Cats sneeze a lot. 99% of the time, when your cat randomly sneezes, it’s because they got a bit of fluff up their nose, just like when you or I sneeze. It’s not a big deal.

Unless, of course, the sneezing is repetetive, has a sudden onset, and is associated with other symptoms like nasal or eye discharge (either clear or colored).

Love Is Fleeting, but Herpes is Forever – the Chronic Recurring Sneezing Cat

Cats get Herpes, just like humans do. Not the exact SAME Herpes, mind you – you can’t get Herpes from your cat. Nevertheless, cat Herpes behaves in many ways similar to human Herpes. For instance:

a) A cat exposed to Herpes once, has Herpes forever.
b) Vaccines protecting against Herpes do exist, but are often administered too late since Herpes can be transmitted in the womb.
c) Herpes may also be transmitted between sneezing cats.


Like a train carrying a stowaway, your cat might be carrying Herpes around her whole life, sneezing it all over every cat she meets. No big deal most of the time, since your sneezing cat is snotting on grownup cats who already have Herpes in their system.

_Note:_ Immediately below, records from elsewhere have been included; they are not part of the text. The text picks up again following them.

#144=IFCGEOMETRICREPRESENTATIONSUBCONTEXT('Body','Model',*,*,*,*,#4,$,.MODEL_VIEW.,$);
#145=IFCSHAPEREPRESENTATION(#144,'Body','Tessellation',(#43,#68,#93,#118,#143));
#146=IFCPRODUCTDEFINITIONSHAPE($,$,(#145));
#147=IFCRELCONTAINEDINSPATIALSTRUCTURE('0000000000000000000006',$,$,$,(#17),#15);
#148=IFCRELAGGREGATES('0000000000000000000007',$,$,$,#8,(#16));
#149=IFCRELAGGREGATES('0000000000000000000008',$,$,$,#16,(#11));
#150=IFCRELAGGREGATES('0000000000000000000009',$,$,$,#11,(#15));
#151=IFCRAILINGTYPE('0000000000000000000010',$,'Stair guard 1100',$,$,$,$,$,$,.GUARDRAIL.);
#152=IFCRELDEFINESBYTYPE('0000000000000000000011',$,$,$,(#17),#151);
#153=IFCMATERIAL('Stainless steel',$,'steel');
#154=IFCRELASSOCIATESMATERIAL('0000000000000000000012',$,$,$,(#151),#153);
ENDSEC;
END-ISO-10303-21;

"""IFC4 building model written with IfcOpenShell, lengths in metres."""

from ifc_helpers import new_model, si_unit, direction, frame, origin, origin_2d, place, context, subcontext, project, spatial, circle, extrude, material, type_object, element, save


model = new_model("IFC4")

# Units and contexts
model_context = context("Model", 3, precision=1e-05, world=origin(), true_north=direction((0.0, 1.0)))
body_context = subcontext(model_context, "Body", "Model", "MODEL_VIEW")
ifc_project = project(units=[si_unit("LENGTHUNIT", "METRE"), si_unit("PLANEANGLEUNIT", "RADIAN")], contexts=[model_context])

When we get into trouble, however, is when a STRESS – be it physical or emotional (you know how emotional cats can get!) strikes your favorite feline. You go out of town for a few days, the neighbor comes in to take care of Fluffy, and next thing you know, she’s sneezing boogers all over your face. Yuck!


Because the stress compromised her immune system, temporarily shutting down her normal defenses. The Herpes virus that had lain dormant in her system since she originally came in contact with the disease suddenly leaps to action, making your cat sick.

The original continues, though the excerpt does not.